Mum has named this place ‘Marysia’s Mayontek’ which means 'Marysia’s Treasure'. She wrote a forward in our visitors’ book explaining her love and connection to this place. When she was a girl in the Holocaust, she dreamed of a little hut somewhere, with a roof above her head and a loaf of bread next to her. Peace. That was all she dreamed for. And this hut is her recreation of that dream.


It is the end of the first day here and mum’s starting to open up, fiddle around and do constructive things like sweep outside and organise this and that. She sewed together 16 of dad’s ties and we made a curtain for the main room. I’m going to give her some photos to stick in an album soon, stuff I never get round to doing. 

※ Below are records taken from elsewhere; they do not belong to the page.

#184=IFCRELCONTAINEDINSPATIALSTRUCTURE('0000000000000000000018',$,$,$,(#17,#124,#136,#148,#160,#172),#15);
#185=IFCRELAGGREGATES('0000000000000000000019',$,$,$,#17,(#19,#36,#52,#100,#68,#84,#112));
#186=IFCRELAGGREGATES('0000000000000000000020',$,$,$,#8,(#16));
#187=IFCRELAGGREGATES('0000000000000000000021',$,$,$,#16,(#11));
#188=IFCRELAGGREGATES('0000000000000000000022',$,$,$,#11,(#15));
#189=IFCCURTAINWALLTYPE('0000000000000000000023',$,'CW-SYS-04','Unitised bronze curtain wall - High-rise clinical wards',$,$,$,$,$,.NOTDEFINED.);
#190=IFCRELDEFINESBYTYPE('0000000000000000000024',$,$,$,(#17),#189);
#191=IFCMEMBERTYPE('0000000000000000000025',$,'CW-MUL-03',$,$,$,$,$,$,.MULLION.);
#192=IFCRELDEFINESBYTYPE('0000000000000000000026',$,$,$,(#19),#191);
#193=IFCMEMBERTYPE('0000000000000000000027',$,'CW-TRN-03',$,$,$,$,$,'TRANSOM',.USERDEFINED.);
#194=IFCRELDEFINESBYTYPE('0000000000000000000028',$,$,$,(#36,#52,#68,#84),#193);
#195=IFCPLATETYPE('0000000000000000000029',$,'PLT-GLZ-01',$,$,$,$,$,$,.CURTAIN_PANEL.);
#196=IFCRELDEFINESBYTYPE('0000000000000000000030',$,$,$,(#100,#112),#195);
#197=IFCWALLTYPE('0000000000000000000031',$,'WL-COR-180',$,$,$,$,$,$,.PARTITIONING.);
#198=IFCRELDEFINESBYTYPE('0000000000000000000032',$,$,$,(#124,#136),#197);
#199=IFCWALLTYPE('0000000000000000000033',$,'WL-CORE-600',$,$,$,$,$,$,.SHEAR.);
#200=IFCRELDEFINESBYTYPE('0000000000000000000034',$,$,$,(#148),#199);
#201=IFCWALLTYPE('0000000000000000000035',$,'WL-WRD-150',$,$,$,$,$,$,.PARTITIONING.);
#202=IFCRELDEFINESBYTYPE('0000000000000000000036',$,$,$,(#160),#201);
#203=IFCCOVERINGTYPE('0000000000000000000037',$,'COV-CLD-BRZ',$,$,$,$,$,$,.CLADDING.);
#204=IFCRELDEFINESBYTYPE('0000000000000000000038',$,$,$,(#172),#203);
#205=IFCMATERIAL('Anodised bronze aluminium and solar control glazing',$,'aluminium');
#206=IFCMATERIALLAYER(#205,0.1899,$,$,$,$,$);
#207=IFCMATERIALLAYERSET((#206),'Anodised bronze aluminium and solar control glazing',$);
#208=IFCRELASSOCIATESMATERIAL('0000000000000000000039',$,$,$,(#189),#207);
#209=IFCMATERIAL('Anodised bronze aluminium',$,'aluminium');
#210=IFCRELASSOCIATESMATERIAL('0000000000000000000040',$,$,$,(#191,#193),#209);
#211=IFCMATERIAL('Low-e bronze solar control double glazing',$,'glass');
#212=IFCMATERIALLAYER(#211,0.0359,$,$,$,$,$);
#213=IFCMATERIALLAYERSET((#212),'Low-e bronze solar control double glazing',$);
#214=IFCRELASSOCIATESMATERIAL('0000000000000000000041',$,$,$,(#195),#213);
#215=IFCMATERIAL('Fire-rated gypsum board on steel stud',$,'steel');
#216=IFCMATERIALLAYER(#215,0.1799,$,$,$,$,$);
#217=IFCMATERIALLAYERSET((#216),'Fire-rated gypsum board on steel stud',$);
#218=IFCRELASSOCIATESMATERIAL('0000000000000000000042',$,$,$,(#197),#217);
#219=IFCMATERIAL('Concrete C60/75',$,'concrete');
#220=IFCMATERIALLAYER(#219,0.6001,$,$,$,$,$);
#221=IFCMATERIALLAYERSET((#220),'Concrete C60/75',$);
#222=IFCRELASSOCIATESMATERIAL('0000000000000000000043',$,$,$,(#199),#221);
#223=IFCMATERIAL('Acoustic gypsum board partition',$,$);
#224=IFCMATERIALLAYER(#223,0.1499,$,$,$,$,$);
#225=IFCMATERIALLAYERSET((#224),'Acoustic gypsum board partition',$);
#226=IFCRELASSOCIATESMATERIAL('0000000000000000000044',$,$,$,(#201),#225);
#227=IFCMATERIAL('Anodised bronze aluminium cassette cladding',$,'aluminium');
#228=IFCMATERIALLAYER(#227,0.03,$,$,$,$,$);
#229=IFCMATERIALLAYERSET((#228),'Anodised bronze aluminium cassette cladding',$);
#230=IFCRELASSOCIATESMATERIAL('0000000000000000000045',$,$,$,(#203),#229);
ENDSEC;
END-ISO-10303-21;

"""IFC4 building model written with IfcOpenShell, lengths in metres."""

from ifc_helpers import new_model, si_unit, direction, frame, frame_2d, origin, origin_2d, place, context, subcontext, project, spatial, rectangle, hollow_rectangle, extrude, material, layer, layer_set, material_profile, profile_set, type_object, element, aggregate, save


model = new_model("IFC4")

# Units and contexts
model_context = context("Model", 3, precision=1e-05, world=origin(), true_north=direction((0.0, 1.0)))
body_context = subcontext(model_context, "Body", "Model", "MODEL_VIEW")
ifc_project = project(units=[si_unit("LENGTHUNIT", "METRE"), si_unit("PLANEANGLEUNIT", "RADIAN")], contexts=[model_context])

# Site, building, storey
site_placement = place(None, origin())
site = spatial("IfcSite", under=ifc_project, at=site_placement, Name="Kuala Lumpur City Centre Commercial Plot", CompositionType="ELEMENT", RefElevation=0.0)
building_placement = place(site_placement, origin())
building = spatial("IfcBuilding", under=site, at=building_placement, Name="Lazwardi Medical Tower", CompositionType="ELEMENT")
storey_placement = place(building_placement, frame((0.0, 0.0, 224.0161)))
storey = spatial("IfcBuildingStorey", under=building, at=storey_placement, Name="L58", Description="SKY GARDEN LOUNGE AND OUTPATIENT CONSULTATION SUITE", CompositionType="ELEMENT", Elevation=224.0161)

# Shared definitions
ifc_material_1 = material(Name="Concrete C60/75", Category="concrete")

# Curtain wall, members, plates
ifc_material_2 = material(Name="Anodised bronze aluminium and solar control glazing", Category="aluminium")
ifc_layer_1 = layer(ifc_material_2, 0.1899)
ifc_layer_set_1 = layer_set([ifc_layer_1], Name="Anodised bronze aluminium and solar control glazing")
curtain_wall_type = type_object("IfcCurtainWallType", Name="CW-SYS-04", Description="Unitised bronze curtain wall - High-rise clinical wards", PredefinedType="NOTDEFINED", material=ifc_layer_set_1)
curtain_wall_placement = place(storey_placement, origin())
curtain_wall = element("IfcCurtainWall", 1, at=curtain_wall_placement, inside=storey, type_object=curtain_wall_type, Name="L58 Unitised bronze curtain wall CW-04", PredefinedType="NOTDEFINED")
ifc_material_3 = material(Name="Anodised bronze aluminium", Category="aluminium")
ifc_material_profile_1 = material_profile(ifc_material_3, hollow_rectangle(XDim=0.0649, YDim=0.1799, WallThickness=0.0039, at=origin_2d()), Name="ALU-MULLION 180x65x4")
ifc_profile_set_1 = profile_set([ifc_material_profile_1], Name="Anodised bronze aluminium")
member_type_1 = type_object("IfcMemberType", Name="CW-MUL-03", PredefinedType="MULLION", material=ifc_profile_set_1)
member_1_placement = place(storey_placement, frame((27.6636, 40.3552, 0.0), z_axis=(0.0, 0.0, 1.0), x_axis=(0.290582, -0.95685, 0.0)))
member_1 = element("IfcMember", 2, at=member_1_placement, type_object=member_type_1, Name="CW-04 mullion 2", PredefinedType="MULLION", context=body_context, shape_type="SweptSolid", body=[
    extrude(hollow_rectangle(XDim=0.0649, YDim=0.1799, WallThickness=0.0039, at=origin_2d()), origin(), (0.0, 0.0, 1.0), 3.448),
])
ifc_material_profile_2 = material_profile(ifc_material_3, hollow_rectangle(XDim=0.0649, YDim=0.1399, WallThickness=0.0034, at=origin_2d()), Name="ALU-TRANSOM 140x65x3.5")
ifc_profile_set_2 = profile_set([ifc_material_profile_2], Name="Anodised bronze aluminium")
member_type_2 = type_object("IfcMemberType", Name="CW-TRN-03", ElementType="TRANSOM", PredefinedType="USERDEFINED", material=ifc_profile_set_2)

This is a healthy place for her - the quiet, the peace, the freedom to potter and be helpful. And the best is that I’m around. She keeps taking my hand and kissing it with full love. She then moves to kiss her imaginary mother’s ring on her own finger, even though she knows that she’s passed the ring on to me to wear. It’s a symbolic action of love and protection, as if she’s saying her mother is watching over me. 


Mum just said I was an ‘unusual person’ - she said this after observing me here. She didn't offer much more info on what she meant.